Another variable that can benefit from univariate visualisation is the type of room.
ggplot(data, aes(x = room_type)) +
geom_bar(fill = "skyblue", color = "black") +
labs(title = "Distribution of Room Types",
x = "Room Type",
y = "Frequency") +
theme_minimal()
The type of room is an important factor when guests book a particular listing. If it is a large group, then their preference is an entire home whereas a solo traveler would be fine with a private/shared room. We see that most listings offer either the whole home or a private room and a few listings offering shared room accomodation.

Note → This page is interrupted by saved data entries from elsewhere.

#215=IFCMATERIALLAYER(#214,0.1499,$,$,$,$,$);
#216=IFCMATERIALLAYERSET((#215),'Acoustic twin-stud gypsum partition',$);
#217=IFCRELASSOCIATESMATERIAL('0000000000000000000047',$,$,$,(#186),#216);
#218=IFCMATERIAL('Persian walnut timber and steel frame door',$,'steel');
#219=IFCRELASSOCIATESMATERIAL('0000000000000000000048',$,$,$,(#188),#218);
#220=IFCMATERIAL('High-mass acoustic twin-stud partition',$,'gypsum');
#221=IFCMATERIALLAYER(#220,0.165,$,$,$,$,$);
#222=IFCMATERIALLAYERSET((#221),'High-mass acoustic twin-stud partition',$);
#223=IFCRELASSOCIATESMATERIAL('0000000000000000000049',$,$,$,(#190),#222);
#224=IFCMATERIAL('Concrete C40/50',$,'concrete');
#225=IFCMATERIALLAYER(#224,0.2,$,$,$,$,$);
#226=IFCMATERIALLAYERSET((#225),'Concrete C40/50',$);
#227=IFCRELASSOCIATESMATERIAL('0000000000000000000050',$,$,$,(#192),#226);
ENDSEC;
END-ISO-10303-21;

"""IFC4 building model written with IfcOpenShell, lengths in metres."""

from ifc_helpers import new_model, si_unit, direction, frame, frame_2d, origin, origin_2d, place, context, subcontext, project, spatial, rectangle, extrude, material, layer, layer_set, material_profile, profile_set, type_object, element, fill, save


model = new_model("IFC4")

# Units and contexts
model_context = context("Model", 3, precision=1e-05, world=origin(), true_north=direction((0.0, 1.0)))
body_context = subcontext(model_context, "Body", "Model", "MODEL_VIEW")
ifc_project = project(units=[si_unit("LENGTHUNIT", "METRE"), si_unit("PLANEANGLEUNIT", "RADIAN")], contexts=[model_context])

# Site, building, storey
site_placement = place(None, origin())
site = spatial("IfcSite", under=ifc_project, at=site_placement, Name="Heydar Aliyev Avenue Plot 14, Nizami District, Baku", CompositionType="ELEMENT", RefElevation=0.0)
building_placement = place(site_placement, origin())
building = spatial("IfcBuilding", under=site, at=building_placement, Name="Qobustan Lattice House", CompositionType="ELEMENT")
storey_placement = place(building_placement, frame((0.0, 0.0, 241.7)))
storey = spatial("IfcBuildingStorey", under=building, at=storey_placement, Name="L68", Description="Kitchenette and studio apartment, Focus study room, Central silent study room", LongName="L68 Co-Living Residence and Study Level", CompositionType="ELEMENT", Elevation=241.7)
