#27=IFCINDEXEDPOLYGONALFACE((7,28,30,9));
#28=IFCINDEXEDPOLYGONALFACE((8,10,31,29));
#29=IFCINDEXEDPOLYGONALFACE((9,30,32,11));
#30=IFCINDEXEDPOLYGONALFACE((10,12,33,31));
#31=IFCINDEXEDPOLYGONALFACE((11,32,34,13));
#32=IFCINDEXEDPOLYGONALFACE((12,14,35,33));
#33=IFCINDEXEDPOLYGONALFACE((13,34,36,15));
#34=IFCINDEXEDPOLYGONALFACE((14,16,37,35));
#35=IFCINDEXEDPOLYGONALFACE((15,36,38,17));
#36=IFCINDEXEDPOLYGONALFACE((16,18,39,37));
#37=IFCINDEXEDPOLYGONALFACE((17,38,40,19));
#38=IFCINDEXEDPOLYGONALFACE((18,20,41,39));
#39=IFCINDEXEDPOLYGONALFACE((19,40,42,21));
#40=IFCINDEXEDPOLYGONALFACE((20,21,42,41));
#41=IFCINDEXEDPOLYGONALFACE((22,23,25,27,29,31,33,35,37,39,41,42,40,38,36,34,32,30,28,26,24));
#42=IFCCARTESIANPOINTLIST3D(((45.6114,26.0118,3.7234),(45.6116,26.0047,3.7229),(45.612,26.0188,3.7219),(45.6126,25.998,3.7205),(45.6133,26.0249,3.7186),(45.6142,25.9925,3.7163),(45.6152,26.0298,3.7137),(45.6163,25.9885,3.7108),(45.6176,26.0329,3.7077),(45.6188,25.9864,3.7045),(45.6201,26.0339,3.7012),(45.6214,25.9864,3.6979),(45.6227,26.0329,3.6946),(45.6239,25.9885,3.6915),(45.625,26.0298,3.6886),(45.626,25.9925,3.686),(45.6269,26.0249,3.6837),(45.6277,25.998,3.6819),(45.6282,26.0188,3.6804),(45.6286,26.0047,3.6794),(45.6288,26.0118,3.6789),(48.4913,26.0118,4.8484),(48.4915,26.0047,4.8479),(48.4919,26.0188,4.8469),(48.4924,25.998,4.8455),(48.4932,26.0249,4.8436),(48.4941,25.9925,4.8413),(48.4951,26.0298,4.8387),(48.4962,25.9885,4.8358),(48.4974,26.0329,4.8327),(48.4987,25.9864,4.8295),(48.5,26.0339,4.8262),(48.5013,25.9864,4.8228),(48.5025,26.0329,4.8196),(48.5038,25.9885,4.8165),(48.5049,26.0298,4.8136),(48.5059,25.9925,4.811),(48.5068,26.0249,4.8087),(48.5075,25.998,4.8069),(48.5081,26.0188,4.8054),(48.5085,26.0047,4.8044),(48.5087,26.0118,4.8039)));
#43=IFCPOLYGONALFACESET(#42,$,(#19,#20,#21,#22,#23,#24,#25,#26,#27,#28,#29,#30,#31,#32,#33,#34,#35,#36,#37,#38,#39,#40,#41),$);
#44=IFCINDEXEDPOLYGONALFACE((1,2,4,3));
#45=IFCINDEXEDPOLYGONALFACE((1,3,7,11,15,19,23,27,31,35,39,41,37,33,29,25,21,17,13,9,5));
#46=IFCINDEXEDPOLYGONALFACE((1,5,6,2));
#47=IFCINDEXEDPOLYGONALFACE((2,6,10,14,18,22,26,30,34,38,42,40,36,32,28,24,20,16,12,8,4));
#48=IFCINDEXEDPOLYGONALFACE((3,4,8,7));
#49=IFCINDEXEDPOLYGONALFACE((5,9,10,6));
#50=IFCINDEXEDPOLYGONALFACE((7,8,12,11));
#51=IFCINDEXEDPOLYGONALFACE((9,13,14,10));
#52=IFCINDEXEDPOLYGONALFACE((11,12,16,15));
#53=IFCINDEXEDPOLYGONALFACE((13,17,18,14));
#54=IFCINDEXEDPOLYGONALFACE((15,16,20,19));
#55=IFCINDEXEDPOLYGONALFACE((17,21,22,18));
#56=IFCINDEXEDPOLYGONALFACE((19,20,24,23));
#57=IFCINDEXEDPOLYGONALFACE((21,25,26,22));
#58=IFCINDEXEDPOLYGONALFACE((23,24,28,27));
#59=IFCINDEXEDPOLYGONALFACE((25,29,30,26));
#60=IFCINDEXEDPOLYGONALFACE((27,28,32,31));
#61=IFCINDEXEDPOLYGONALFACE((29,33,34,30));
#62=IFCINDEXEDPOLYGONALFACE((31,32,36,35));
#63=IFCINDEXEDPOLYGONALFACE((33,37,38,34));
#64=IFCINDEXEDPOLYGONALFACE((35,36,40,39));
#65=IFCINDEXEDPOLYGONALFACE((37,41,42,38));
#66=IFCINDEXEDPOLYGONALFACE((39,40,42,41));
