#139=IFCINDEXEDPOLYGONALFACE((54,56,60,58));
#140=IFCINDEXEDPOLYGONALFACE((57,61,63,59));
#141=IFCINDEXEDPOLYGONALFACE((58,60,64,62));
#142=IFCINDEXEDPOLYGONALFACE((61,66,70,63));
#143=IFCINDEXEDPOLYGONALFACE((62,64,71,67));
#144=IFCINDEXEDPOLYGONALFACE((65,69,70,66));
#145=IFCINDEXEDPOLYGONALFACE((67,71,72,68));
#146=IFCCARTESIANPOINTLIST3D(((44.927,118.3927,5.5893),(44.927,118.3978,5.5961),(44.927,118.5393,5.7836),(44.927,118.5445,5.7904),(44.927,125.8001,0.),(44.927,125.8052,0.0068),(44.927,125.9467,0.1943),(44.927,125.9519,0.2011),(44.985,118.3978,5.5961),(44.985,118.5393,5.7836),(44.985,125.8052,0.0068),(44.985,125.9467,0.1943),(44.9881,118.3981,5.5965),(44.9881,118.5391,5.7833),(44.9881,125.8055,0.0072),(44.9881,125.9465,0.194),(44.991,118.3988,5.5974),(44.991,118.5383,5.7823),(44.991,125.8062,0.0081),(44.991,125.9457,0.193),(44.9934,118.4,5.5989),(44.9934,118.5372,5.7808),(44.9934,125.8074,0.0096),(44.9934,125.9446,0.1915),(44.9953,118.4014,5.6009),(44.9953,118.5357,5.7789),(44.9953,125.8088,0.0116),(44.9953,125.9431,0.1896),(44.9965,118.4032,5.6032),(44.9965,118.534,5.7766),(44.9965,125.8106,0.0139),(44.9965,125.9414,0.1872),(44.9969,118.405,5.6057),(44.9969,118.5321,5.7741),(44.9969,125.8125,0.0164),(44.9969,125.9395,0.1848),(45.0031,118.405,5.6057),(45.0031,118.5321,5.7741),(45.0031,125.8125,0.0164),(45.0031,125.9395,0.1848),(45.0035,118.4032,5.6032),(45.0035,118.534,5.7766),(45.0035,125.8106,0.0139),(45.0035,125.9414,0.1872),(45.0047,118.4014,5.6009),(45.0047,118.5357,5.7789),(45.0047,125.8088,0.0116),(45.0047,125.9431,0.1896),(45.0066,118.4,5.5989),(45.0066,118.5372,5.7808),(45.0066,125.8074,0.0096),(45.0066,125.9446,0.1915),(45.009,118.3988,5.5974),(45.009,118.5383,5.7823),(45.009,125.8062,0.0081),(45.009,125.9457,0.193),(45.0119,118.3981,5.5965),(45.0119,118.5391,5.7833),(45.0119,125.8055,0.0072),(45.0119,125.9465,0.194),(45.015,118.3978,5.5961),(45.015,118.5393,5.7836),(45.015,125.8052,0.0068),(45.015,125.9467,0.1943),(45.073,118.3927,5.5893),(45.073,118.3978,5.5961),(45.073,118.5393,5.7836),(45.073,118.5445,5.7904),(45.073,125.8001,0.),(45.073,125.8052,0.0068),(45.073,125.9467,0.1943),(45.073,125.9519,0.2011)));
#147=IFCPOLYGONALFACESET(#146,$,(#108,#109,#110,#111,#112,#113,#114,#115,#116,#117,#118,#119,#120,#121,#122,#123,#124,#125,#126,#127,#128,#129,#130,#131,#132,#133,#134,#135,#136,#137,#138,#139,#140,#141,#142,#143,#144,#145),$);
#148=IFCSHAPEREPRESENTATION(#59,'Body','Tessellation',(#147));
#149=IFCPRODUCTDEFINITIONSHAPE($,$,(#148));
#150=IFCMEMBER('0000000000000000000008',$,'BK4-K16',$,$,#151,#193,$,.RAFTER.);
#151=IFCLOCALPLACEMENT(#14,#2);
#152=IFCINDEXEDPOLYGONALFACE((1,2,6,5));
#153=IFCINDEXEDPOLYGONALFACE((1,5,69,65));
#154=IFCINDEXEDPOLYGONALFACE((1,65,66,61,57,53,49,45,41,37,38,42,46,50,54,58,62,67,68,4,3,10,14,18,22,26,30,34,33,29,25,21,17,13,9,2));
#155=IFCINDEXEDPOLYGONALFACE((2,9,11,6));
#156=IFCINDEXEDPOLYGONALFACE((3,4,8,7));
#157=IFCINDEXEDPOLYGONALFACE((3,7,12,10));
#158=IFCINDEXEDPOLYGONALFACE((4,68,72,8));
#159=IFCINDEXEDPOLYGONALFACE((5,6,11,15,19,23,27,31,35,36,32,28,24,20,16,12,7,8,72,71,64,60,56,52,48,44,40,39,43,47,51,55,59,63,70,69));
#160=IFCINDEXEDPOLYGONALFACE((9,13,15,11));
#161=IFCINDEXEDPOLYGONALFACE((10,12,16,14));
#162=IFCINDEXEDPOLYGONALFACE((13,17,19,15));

To analyze the relationship between two variables we use a bivariate distribution. In this case we use the price and minimum number of nights in the plot.
ggplot(data, aes(x = minimum_nights, y = price)) +
geom_point(color = "skyblue") +
labs(title = "Price distribution by number of nights",
x = "Minimum Number of Nights",
y = "Price") +
theme_minimal()
We choose these two variables because in most cases in real life, listings with higher minimum number of nights tend to have a lower price per night so that it remains among the top choices for guests. From above, we see that listings with least minimum nights criteria tend to have the widest range of prices. Beyond about 200, the price per night usually stays low. This is because, charging high with having higher minimum nights criteria is unreasonable for guests.
We went through the basic explanantion and cleaning of data followed by visualization of certain variables in the data.